Use after free errors sometimes have no effect and other times cause a program to crash. While it is technically feasible for the freed memory to be re-allocated and for an attacker to use this reallocation to launch a buffer overflow attack, we are unaware of any exploits based on this type of attack.

Consequences

  • Integrity: The use of previously freed memory may corrupt valid data, if the memory area in question has been allocated and used properly elsewhere.
  • Availability: If chunk consolidation occurs after the use of previously freed data, the process may crash when invalid data is used as chunk information.
  • Access Control (instruction processing): If malicious data is entered before chunk consolidation can take place, it may be possible to take advantage of a write-what-where primitive to execute arbitrary code.

Exposure period

  • Implementation: Use of previously freed memory errors occur largely at implementation time.

Platform

  • Languages: C, C++, Assembly
  • Operating Platforms: All

Required resources

Any

Severity

Very High

Likelihood of exploit

High

The use of previously freed memory can have any number of adverse consequences - ranging from the corruption of valid data to the execution of arbitrary code, depending on the instantiation and timing of the flaw.

The simplest way data corruption may occur involves the system's reuse of the freed memory. In this scenario, the memory in question is allocated to another pointer validly at some point after it has been freed. The original pointer to the freed memory is used again and points to somewhere within the new allocation. As the data is changed, it corrupts the validly used memory; this induces undefined behavior in the process.

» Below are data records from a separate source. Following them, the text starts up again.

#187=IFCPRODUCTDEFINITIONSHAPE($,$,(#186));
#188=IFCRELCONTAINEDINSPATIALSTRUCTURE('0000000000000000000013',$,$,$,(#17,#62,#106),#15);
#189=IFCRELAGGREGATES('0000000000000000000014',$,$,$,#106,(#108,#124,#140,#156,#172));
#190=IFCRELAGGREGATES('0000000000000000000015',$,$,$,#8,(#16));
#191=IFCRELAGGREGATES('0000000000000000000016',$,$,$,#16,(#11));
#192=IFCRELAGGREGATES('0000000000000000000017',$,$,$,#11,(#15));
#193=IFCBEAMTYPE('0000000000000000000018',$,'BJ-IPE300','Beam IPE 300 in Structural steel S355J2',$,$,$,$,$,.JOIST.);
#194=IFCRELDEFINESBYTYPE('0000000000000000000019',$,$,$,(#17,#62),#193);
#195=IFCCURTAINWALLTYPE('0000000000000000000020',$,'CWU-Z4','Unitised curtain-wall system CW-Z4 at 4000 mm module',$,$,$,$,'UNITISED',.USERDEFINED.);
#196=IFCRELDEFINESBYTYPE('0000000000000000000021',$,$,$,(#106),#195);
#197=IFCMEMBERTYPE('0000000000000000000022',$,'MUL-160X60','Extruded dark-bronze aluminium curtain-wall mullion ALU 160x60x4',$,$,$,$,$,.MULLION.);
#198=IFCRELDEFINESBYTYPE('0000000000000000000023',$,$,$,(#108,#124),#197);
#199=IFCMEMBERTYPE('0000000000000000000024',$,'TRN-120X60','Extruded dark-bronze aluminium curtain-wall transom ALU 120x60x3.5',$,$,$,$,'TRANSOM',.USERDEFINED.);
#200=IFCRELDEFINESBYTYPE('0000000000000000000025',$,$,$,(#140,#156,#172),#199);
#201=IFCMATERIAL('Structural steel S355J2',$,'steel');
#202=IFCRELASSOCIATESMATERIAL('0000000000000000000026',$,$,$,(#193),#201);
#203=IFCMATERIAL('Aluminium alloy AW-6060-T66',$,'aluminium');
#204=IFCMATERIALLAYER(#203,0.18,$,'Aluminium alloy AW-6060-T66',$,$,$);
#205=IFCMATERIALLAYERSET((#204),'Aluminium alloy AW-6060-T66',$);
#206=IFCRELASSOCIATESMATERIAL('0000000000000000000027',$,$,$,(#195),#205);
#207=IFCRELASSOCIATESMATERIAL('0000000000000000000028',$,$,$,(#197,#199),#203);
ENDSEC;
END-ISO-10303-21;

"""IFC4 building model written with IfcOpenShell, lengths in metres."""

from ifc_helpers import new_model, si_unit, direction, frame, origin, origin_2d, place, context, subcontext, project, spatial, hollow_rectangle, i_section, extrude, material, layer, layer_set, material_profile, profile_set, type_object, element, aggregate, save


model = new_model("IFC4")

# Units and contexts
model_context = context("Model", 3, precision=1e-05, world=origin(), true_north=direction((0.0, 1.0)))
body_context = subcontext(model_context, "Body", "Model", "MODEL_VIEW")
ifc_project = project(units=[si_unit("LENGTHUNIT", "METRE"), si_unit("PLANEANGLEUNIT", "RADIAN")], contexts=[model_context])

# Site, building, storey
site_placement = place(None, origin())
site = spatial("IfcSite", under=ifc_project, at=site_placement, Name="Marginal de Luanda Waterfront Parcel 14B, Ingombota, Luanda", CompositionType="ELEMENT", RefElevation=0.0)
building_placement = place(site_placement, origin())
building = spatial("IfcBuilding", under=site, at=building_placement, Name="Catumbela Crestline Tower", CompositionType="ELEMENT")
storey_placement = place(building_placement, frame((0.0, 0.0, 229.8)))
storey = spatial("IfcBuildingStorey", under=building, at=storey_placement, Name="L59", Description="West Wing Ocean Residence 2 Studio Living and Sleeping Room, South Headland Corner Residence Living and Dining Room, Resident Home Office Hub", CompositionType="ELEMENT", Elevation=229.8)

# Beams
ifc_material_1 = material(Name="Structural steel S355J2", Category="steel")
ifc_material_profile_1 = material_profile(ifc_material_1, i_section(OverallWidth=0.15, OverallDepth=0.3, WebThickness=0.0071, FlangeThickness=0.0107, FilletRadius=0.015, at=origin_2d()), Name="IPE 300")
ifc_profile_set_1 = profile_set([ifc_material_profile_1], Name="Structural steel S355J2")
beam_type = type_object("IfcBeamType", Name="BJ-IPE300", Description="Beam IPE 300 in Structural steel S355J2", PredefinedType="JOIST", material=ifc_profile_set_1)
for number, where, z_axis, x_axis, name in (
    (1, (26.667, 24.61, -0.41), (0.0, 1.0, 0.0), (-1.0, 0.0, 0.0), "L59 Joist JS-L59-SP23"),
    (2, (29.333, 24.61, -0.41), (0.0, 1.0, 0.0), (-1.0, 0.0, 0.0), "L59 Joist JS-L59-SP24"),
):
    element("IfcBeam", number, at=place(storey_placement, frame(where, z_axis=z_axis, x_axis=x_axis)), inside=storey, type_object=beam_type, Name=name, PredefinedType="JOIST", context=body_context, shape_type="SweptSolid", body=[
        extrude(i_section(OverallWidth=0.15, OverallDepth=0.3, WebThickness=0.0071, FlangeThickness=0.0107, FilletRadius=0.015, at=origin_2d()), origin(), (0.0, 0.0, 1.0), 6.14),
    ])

If the newly allocated data chances to hold a class, in C++ for example, various function pointers may be scattered within the heap data. If one of these function pointers is overwritten with an address to valid shellcode, execution of arbitrary code can be achieved.

Risk Factors

TBD

Examples

Example1

#include <stdio.h>
#include <unistd.h>

#define BUFSIZER1   512
#define BUFSIZER2   ((BUFSIZER1/2) - 8)

int main(int argc, char **argv) {   
    char *buf1R1;
    char *buf2R1;
    char *buf2R2;
    char *buf3R2;

    buf1R1 = (char *) malloc(BUFSIZER1);
    buf2R1 = (char *) malloc(BUFSIZER1);

    free(buf2R1);

    buf2R2 = (char *) malloc(BUFSIZER2);
    buf3R2 = (char *) malloc(BUFSIZER2);

    strncpy(buf2R1, argv[1], BUFSIZER1-1);
    free(buf1R1);
    free(buf2R2);
    free(buf3R2);
}

Example2

	char* ptr = (char*)malloc (SIZE);
	...
	if (err) {
		abrt = 1;
		free(ptr);
	}
	...
	if (abrt) {
		logError("operation aborted before commit", ptr);
	}

Related Attacks


Related Vulnerabilities

  • Buffer Overflow (in particular, heap overflows): The method of exploitation is often the same, as both constitute the unauthorized writing to heap memory.
  • Write-what-where condition: The use of previously freed memory can result in a write-what-where in several ways.


Related Controls

  • Implementation: Ensuring that all pointers are set to NULL once the memory they point to has been freed can be effective strategy. The utilization of multiple or complex data structures may lower the usefulness of this strategy.